Professional help for amateur caregivers

Posted on October 28, 2015 in Child & Family Delivery System

TheStar.com – Opinion/Commentary – Baycrest Health Science publishes caregiver’s guide to coach families through the challenges of dementia
Oct 28 2015.   By: Carol Goar, Star Columnist

The gold standard for dementia care in Canada is the Baycrest Health Sciences Centre.

The former Jewish Home for the Aged has blossomed into a teaching hospital/long term-care residence, housing one of the world’s top research institutes in cognitive neuroscience. It has a centre for memory and neurotherapeutics, outpatient clinics and support programs for caregivers and spouses. It is affiliated with the University of Toronto. It partners with other institutions such as Canada’s National Ballet School (to provide dance class for seniors with dementia). Over its 97-year history, it has become a repository of expertise on brain health and aging.

An estimated 747,000 Canadians are living with Alzheimer’s and other types of dementia. The number is expected to double within 15 years.

There is no cure for the cluster of cognitive disorders — Alzheimer’s disease being the most common — that rob individuals in the final third of their lives of their ability to remember, reason, communicate and care for themselves. Medicine can delay the onset of symptoms in some cases. In all cases it is possible to enrich the lives of seniors with dementia. That is where Baycrest excels.

But the vast majority of families affected by dementia — even here in Toronto — will never set foot in the Baycrest Centre. So Baycrest is reaching out to them. It has just published Dementia: A Caregiver’s Guide, a 138-page book designed to share its knowledge and techniques with the 8 million informal caregivers — spouses, adult children, siblings and friends — who provide 75 per cent of dementia care in Canada.

“The guidebook is the next best thing to having a Baycrest adviser by your side to coach you through a caregiving challenge, make you feel better equipped for managing the next one and hopefully reduce unnecessary stress,” says co-author Bianca Stern. “We’ve found that families, especially the primary caregiver, need information on what changes to expect in their loved one, how to deal with them and where to go for help.”

The book lays out the whole journey from the first signs of forgetfulness to the end-of-life care. It covers feeding, bathing, dressing and grooming, incontinence, sex and intimacy, sleep issues, home safety, medication and legal issues. It also prepares caregivers for the exhaustion, stress, isolation, anger, guilt and depression they’re likely to experience.

It answers the delicate questions many caregivers are reluctant to articulate: How do I convince a spouse or parent to hang up the car keys? How do I keep loving a person who no longer recognizes me? How do I handle family disputes about treatment and end-of-life care?

The language is clear and easy to understand. Each chapter begins with a real-life example. There is a glossary so caregivers can decode the medical, legal and pharmacological terms they’ll encounter.

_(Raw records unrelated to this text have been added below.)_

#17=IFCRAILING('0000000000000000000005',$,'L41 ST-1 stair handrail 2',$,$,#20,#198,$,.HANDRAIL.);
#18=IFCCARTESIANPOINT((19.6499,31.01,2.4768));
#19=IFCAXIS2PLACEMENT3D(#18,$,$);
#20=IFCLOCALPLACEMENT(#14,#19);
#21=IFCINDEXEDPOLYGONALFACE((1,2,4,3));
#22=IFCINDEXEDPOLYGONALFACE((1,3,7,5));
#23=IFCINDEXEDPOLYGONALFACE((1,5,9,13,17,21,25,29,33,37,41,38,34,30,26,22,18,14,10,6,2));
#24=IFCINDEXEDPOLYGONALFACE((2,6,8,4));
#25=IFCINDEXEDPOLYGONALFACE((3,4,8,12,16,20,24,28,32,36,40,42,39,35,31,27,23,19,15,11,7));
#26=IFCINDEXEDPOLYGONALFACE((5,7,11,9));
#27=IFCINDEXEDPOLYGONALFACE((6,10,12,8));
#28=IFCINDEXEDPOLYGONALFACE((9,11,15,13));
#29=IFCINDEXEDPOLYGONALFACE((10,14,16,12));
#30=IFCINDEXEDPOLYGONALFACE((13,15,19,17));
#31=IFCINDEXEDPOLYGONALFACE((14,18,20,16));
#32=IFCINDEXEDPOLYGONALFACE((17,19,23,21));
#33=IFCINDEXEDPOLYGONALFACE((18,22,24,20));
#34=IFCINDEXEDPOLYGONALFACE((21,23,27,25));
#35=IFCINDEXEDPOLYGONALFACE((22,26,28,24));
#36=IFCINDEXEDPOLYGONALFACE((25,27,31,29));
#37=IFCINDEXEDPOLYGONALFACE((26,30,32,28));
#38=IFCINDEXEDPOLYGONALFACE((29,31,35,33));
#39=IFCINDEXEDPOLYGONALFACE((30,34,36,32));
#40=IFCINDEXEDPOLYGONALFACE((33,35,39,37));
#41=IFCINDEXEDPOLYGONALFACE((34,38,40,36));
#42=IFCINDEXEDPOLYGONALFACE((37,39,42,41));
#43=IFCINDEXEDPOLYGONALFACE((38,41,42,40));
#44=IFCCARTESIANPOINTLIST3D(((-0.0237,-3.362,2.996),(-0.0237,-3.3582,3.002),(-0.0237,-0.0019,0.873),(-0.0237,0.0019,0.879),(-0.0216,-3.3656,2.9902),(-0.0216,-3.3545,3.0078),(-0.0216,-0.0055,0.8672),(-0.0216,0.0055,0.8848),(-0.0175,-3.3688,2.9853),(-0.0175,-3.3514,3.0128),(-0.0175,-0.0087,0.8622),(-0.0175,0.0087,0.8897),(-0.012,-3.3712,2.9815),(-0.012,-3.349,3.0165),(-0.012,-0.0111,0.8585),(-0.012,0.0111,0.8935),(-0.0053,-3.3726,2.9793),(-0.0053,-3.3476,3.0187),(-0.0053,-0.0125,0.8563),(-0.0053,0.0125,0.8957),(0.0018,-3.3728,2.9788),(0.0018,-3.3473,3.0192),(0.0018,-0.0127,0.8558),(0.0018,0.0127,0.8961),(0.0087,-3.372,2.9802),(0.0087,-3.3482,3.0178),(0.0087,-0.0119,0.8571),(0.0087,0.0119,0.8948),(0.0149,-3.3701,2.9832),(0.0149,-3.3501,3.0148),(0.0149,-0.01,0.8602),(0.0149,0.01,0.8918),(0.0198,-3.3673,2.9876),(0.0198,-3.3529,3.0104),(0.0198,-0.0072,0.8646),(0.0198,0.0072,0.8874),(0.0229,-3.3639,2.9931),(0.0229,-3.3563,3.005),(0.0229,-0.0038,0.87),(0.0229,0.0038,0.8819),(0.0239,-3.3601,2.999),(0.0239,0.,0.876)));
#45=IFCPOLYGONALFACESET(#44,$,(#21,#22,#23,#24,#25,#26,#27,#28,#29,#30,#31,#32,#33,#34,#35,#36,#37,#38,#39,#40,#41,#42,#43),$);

“We want to encourage caregivers to look beyond the missing pieces,” says Nina Rittenberg, the book’s other co-author. It is not uncommon for certain abilities to remain intact — familiar habits, specific memories and certain social skills. Tapping into these preserved abilities is an important part of delivering care and reducing agitation and anxiety in the person with dementia.”

The softcover publication is available for $27.99 (plus taxes and shipping) on the Baycrest site. An online version is in the works. People within Internet access can phone Baycrest at 416-785-2500 ext. 2705 to order a copy. Those who can’t afford to buy a copy will soon be able to borrow one from public libraries, community centres and public health clinics.

According to the World Health Organization, a new case of dementia occurs every four seconds. Countries with rapidly aging populations are the most susceptible. Canada doesn’t top the list — Japan does — but it is in the top tier.

For decades family caregivers have done the best they can with no training, no pay and little government support. Prime minister-designate Justin Trudeau has pledged to invest $3 billion in home care in his first mandate. Ontario Premier Kathleen Wynne has committed an additional $750 million for home and community care over the next three years. But as caregivers are acutely aware, promised money doesn’t always flow. Even when it does, it can take a long time to filter down to the local level. For the foreseeable future, they’ll be the ones providing the daily care, responding to the unforeseen crises, struggling to navigate the health-care system and trying to find time to look after themselves.

On days when it all seems overwhelming, a well-thumbed guidebook will help.